In order, I know that this problem is convex so in order to get the optimum
point, all I have to do is find the gradient and find its solution.
So, I take the gradient of this Lagrangian function.
From here, I get 2 over 1 plus x1. From here, I get minus v.
That's the partial derivative with respect to x1.
Partial derivative with respect to x2, I get 4 divided by 1 plus x2 minus v, from
this one, and that is equal to 0. If I solve this, I get x 1 is equal to 2
or v minus 1, x2 is equal to 4 over v minus 1.
How do I get this v? I know that the optimal solution, x1 plus
x2, must equal 12, so I plug it in to the equations, and I end up getting an
equation that says, 6 over v must equal 14, or v must equal 3 over 7.
Once I know the value of v, I plug it back into the expression for x, I get x is
equal to 11 over 3 and 25 over 3. So intuitively, it makes sense, you're
going to invest more in the second, second opportunity, because it has a higher
return. But as you scale up that return, as you
scale up your investment, you have diminishing return, so at some point, it
becomes profitable to go to the first one, and the correct balance is in the ratio 11
is to 25. And look how easily we were able to solve
for this problem by including a Lagrange multiplier, taking the gradients, and then
solving it to find what x1 and x2 is. The last piece of this module will show us
how to apply this for a particular problem, which comes up over and over
again in financial engineering, which is portfolio selection.

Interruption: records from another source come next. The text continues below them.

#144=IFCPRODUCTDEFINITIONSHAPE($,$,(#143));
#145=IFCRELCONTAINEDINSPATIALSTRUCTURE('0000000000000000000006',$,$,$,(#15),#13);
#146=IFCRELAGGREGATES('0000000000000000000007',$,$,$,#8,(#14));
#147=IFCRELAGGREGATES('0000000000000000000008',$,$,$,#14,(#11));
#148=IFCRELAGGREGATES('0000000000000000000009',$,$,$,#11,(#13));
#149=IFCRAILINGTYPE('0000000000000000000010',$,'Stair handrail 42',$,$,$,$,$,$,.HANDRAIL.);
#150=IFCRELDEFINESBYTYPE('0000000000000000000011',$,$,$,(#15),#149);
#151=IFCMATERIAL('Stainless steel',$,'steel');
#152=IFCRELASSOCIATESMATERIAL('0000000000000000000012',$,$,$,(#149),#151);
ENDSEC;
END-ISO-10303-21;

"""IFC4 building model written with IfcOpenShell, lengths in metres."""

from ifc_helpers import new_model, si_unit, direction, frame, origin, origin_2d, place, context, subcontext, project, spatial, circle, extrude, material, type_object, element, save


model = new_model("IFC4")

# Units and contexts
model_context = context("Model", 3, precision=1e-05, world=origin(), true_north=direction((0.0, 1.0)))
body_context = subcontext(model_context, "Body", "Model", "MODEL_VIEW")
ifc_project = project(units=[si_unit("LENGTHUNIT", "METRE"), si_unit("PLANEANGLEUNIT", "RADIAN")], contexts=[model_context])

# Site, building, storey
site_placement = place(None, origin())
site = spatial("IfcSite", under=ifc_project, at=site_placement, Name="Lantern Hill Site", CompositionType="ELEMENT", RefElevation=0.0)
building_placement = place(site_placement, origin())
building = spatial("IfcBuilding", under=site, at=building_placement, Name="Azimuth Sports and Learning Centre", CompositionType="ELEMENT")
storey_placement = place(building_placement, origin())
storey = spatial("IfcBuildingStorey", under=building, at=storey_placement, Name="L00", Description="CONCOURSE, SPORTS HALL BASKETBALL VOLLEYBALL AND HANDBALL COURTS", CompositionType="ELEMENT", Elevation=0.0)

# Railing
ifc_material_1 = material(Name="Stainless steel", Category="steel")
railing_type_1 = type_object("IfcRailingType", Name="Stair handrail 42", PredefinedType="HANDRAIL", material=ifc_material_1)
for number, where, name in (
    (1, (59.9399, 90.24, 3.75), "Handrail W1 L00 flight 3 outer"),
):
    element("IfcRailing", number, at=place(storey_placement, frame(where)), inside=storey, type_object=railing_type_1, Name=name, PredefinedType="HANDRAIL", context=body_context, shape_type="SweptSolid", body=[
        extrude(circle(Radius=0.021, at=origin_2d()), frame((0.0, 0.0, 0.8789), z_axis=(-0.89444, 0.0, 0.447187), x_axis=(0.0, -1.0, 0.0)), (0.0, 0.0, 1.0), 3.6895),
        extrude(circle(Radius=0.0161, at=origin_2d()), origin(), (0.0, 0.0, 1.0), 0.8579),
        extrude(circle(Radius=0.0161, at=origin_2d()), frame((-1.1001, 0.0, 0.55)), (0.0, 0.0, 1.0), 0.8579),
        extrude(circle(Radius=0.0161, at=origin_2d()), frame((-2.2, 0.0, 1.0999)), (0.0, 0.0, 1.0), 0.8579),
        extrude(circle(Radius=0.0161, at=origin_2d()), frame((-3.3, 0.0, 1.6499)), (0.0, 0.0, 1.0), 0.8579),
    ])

Now, what's going on here, I've got a bunch of assets, so my x belongs to R to
the n. It has n different assets, so it's a
vector with n components, what does this constraint say?

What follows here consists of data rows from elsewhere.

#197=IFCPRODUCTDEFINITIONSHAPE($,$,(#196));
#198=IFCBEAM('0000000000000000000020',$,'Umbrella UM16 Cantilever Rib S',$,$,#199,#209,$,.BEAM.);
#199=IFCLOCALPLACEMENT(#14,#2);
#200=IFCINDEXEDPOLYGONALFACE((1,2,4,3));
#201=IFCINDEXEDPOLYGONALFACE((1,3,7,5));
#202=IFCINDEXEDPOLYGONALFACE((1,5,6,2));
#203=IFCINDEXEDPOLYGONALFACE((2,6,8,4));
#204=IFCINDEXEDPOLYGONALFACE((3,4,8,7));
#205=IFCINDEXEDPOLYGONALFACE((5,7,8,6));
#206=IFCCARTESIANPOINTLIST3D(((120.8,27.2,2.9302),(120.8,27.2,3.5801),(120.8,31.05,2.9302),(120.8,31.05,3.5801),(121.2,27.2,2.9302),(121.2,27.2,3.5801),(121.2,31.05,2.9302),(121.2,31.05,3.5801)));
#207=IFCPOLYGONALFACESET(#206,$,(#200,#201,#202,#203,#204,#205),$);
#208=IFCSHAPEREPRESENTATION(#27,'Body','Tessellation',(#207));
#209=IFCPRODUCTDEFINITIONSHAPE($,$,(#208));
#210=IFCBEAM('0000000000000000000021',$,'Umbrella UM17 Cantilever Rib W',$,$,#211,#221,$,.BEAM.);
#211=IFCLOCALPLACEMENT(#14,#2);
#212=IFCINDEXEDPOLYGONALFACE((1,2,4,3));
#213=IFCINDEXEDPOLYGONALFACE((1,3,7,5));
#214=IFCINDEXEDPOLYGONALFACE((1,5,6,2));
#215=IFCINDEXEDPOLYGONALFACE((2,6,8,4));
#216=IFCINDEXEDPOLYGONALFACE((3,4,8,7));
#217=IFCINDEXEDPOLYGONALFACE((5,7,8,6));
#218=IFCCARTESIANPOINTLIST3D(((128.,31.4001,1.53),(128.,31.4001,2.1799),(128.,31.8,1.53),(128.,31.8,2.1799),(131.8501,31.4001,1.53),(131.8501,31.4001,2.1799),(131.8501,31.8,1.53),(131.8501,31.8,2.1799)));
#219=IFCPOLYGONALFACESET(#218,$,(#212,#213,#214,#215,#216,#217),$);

If I take the vector of all ones and multiply it to x, I get 1.
This multiplication just gives me the sum of j going from 1 through n of xj.

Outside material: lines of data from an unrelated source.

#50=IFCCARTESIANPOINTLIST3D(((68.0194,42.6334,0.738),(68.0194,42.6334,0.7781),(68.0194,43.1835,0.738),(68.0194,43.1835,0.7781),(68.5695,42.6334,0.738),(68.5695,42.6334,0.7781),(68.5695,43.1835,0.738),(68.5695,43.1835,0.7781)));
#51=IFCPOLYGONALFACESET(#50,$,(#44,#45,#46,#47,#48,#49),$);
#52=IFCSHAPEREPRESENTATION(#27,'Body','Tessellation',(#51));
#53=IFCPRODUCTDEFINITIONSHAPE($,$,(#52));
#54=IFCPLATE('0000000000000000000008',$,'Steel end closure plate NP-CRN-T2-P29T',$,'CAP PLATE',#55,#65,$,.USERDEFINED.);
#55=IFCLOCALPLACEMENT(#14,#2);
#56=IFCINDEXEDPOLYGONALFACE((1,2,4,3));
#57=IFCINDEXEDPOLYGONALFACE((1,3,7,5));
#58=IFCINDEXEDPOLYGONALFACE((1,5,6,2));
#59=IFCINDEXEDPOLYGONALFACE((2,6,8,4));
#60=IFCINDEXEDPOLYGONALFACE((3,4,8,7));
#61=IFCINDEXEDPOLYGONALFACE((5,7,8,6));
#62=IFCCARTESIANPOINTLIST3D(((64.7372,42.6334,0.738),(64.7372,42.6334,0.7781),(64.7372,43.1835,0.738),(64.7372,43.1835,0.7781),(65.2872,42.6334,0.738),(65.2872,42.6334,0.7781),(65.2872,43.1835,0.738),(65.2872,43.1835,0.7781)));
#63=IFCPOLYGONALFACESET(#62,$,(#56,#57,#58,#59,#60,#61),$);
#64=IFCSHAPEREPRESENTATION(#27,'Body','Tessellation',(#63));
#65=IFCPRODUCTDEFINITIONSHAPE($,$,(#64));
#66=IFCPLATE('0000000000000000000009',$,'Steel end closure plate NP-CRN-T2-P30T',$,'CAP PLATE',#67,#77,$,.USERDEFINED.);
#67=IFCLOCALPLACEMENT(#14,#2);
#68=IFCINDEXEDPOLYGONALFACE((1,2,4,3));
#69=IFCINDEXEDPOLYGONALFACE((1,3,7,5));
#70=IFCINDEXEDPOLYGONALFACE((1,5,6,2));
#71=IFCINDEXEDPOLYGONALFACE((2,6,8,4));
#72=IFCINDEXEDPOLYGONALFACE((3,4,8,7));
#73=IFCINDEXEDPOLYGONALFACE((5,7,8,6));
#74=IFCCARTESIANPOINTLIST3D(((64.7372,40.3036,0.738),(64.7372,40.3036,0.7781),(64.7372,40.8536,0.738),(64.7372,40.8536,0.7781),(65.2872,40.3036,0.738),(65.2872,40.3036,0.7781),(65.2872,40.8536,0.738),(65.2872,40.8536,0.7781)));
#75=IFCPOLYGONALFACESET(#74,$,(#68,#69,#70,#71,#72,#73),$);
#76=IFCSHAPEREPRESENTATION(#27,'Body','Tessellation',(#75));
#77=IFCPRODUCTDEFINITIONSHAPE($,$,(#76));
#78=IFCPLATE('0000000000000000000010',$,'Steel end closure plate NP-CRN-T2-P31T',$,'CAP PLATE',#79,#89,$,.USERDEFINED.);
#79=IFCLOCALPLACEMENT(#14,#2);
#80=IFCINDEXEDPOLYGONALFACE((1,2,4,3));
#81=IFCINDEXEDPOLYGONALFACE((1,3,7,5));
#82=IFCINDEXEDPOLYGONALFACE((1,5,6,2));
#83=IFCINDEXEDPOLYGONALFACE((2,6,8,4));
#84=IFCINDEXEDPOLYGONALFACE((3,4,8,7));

So, if I add up all the components of my portfolio, I have 1 dollar to invest.
And what do I want to do? I want to choose a portfolio that
maximizes my return minus a risk aversion parameter lambda times the variance.
This is the return or the mean return on my portfolio, v transpose xv, gives me the
variance of my portfolio. And I want to do the portfolio x, which
sums to 1, and which maximize the, the risk adjusted return.
Again, the constraints makes this problem harder, so I'm going to take the
constraints, multiply it by a Lagrange multiplier, and put it into the objective.
Here's my objective, mu transpose x minus lambda times x transpose vx minus v times
1 transpose x minus 1. Again, a convex problem, it has no
constraints, I'm going to take the derivative and set it equal to 0.
If I take the gradient with respect to x, I get mu from here.
Just to make this thing a little bit clearer, let me get rid of this.
This mu is coming from the gradient of that quantity.
Minus 2 lambda vx is coming from the gradient of the second quantity.
V times 1 is coming from the gradient of this quantity.
I set it equal to 0. Now, I solve for x.
What is x? X is 1 over 2 lambda v inverse mu minus
v1. What do I do?
I take this minus 2 lambda vx term onto the other side so this minus becomes plus.
And I take the 1 over 2 lambda, divided, take the inverse of the v, multiply it
onto the other side, I get x. So now again, like in the simple example
that we saw before, I now have x in terms of v.
How do I get the v? Plug it into the constraints.
1 transpose x, must equal 1. I put the equation here, I get 1 transpose
v inverse mu minus v1 must equal 2 lambda, v is just a scalar.
I rearrange terms, I get v is equal to 1 transpose v inverse mu minus 2 lambda
divided by 1 transpose v inverse 1. I know the value of v now, I can plug it,
plug that value v here, and get expressions for x.
And again, this complicated portfolio selection problem has been solved by just
taking Lagrange multipliers. We will use this in the course to show
how, by using this technique, we can generate efficient frontiers, we can
characterize what the shape of these frontiers are, we can say that any point
of this efficient frontier can be generated by a small set of mutual funds
and that, ultimately, will lead to the capital asset pricing model, which is a
very important methodology for pricing assets in the market.